BAB
I
PENDAHULUAN
Latar
Belakang
Setiap orang memiliki masa lalu,
baik masa lalu yang menyenangkan maupun masa lalu yang tidak menyenangkan.
Pengalaman yang menyenangkan biasanya akan menjadi sesuatu yang indah di dalam
hidup seseorang, sebaliknya pengalaman yang buruk akan menjadi sebuah tamparan
dalam hidup seseorang. Dan lazimnya, pengalaman buruk akan lebih mudah di ingat
dibandingkan dengan pengalaman yang baik. Tak jarang juga pengalaman yang buruk
dapat menyebabkan traumatic sepanjang kehidupan seseorang. Maka, ada beberapa
orang yang memperlakukan orang lain sesuai dengan apa yang telah ia alami,
dengan tujuan agar orang lain dapat merasakan apa yang ia rasakan.

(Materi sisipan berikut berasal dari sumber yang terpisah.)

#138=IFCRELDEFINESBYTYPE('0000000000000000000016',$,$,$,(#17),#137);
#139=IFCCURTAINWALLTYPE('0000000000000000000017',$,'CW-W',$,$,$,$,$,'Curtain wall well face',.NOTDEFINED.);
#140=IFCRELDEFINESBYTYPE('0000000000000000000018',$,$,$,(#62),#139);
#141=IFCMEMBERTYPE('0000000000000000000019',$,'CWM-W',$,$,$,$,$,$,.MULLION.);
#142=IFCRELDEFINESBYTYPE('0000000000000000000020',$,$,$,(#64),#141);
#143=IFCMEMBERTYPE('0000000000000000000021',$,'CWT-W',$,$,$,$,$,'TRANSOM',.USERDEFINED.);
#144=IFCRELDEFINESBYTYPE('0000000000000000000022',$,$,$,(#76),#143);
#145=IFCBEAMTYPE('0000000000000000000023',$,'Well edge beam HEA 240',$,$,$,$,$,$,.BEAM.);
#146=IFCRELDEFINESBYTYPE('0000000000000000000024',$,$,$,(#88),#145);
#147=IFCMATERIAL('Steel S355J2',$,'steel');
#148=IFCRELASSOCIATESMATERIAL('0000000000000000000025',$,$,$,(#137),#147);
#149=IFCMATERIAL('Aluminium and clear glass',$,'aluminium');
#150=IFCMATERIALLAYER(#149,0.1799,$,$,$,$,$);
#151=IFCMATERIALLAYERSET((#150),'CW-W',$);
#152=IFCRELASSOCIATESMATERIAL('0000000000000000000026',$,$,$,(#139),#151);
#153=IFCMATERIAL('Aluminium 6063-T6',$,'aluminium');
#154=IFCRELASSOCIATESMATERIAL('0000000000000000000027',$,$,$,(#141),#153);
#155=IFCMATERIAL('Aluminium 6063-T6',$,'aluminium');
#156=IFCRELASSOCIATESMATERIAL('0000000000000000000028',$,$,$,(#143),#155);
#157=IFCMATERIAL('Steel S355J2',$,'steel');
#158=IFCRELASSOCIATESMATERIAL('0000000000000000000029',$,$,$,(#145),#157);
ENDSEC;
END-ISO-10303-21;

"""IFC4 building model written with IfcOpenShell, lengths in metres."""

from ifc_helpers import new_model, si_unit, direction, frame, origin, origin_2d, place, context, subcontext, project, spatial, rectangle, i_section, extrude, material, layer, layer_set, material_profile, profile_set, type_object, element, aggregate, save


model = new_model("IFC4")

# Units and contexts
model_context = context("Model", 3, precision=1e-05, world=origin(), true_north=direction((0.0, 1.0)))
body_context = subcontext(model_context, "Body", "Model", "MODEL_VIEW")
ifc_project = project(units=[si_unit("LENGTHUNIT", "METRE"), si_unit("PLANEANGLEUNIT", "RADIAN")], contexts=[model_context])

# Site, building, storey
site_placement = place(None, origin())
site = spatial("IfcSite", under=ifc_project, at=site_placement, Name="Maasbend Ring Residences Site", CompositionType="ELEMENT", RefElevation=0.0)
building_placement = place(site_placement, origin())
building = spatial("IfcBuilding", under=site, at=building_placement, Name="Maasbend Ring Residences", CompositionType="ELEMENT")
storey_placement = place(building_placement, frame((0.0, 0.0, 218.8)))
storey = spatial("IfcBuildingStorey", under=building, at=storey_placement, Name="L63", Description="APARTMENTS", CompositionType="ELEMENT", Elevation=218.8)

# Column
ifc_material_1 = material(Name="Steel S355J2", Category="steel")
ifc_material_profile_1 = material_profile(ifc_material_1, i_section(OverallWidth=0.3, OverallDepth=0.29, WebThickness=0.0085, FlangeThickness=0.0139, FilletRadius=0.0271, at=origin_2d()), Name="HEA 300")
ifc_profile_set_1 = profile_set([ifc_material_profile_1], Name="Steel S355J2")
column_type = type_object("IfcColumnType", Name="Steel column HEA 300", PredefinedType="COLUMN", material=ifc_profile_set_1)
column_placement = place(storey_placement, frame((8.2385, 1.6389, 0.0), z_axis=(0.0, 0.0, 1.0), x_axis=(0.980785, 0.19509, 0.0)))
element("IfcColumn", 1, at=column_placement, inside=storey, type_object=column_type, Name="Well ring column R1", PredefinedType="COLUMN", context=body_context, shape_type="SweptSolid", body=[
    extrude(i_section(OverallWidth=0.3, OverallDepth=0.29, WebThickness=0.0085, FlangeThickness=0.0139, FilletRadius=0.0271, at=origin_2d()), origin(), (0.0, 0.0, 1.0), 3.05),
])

Seperti kasus yang penulis angkat
dalam makalah ini, seorang dokter bernama Dr. Frederick Shipman, yang
memperlakukan orang lain sedemikian buruk agar orang lain dapat merasakan apa
yang ia rasakan. Dr. Fred merepress
kesedihannya dengan cara mencari kesenangannya yang telah hilang, yaitu
membunuh para lansia dengan memberi dosis obat yang salah atau berlebihan. Dr. Fred
melakukan ini agar orang lain dapat merasakan kesedihannya semenjak kepergian
ibunya yang sangat disayanginya. Dr. Fred memilih Destructiveness sebagai mekanisme pelarian dirinya.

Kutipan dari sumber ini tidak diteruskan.